Ca y est. Nous y sommes. Vous avez dépavoisé vos profils facebook. Le drapeau français n'est plus votre seconde peau. Vous avez hésité à le remplacer par le drapeau malien. Pas d'application proposée. Il est des priorités même sur les réseaux sociaux.
Vous vous demandez comment habiter cet après. Vous serez peut-être allés boire un verre en terrasse, vaillamment, ou alors vous aurez pris un billet pour un concert, héroïquement, ou bien encore déposé une paire de chaussures, Place de la République, résolument.

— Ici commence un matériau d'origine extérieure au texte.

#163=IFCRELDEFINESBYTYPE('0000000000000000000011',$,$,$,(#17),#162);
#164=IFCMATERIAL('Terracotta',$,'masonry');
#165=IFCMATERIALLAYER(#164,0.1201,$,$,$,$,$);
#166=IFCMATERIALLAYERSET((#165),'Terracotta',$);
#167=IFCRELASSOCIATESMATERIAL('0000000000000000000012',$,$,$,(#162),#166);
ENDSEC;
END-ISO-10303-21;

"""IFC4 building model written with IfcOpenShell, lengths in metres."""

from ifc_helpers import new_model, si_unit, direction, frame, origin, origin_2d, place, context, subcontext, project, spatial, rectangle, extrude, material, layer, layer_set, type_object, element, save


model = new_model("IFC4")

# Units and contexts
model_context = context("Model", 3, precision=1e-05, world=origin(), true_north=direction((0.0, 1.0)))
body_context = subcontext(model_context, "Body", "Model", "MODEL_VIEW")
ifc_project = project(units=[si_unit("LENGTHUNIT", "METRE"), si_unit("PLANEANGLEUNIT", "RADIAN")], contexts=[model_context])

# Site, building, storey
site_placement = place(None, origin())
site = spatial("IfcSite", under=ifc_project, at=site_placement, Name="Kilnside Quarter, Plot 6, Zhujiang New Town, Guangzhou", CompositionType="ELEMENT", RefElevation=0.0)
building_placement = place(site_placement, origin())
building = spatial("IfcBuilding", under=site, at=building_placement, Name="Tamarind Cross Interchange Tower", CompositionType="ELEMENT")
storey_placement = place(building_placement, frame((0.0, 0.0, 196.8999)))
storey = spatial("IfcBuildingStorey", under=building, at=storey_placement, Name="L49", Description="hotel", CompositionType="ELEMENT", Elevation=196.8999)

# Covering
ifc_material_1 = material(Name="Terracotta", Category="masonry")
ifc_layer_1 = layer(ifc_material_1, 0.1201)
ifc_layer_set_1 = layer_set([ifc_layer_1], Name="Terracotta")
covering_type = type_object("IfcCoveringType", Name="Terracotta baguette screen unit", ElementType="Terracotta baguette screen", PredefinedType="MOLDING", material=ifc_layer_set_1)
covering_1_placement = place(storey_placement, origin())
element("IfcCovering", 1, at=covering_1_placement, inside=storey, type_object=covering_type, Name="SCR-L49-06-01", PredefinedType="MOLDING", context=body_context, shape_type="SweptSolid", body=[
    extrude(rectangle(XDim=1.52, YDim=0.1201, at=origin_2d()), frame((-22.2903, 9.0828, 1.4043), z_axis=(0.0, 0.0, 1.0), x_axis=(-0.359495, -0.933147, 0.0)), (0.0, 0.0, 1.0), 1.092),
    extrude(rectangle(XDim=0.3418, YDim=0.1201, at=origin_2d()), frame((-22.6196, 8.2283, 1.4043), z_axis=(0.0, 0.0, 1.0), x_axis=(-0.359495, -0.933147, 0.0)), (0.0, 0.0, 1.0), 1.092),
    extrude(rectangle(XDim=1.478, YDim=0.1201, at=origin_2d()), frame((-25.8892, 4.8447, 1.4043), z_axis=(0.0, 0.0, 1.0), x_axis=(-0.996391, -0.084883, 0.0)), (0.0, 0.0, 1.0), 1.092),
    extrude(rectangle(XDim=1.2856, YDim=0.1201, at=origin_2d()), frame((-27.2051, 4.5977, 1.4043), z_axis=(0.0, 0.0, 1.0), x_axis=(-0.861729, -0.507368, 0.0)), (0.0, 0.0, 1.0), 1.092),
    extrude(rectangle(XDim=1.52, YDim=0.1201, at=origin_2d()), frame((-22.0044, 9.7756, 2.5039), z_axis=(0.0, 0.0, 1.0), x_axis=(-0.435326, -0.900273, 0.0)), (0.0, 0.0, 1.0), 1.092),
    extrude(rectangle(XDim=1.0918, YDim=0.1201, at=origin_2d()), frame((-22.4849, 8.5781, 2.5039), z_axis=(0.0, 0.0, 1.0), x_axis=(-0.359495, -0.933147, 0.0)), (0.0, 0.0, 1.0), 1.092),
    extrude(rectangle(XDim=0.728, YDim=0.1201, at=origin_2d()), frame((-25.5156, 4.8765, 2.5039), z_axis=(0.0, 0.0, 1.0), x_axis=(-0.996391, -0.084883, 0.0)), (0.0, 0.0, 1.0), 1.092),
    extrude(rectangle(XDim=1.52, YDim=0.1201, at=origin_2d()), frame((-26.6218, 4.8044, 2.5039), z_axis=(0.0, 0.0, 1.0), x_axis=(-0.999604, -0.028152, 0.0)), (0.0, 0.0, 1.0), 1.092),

Le soir de retour chez vous, le soir de retour chez moi, nous nous sommes retrouvés, il faut bien l'avouer, le coeur décousu : les actes symboliques deviennent si dérisoires face à l'ampleur de ce qu'il faut accomplir. Nous tendons une oreille aux discours politiques calamistrés, espérant quelque réconfort, alors même que nous savons qu'ils ont renoncé depuis longtemps aux utopies qu'ils énoncent, l'oeil ému. Des millions sont versés à l'Armée tandis que l'Education et la Culture deviennent des parents encore plus pauvres.
Hier, de passage à Rouen, j'ai fait un crochet par l'Armitière. J'y ai cherché un livre pour m'accompagner dans cette traversée du désert parce que je persiste à croire que la littérature fait battre bien mieux le coeur du réel qu'une BFM TV en boucle. J'y ai trouvé Du souffle dans les mots. Trente textes de trente écrivains qui cherchent, en un parlement sensible,  à édifier un lieu bon où vivre ensemble, un eu-topos.
En lisant un premier texte, j'ai eu envie d'ouvrir sur mes îles un calendrier du "pendant*". Pendant les onze jours de la COP21, je déposerai donc ici un extrait.
*Je croyais gamine que le fameux calendrier était celui de "l'avant".

Mardi 1er décembre
Le Barrage, Maryline Desbiolles, in Du souffle dans les mots
"Je pense aux chantiers des hommes, à nos chantiers arrogants, désespérés, magnifiques, et qui sont notre chair comme les lieux qu'ils bouleversent. Je pense tout en même temps à notre démesure, nos aveuglements, nos surdités, à l'attention constante et extraordinaire qu'il faut porter au monde pour ne pas que les désastres, ces désastres résistibles, nous prennent par surprise, dans nos lits, comme de petits enfants dans leur vêtement de nuit. Je pense à ce travail d'attention, de connaissance, à ce  travail qui est le nôtre désormais, dont chacun de nous a la charge, et je ne pense pas à lui comme un acte de contrition mais comme un immense chantier, arrogant, désespéré, magnifique."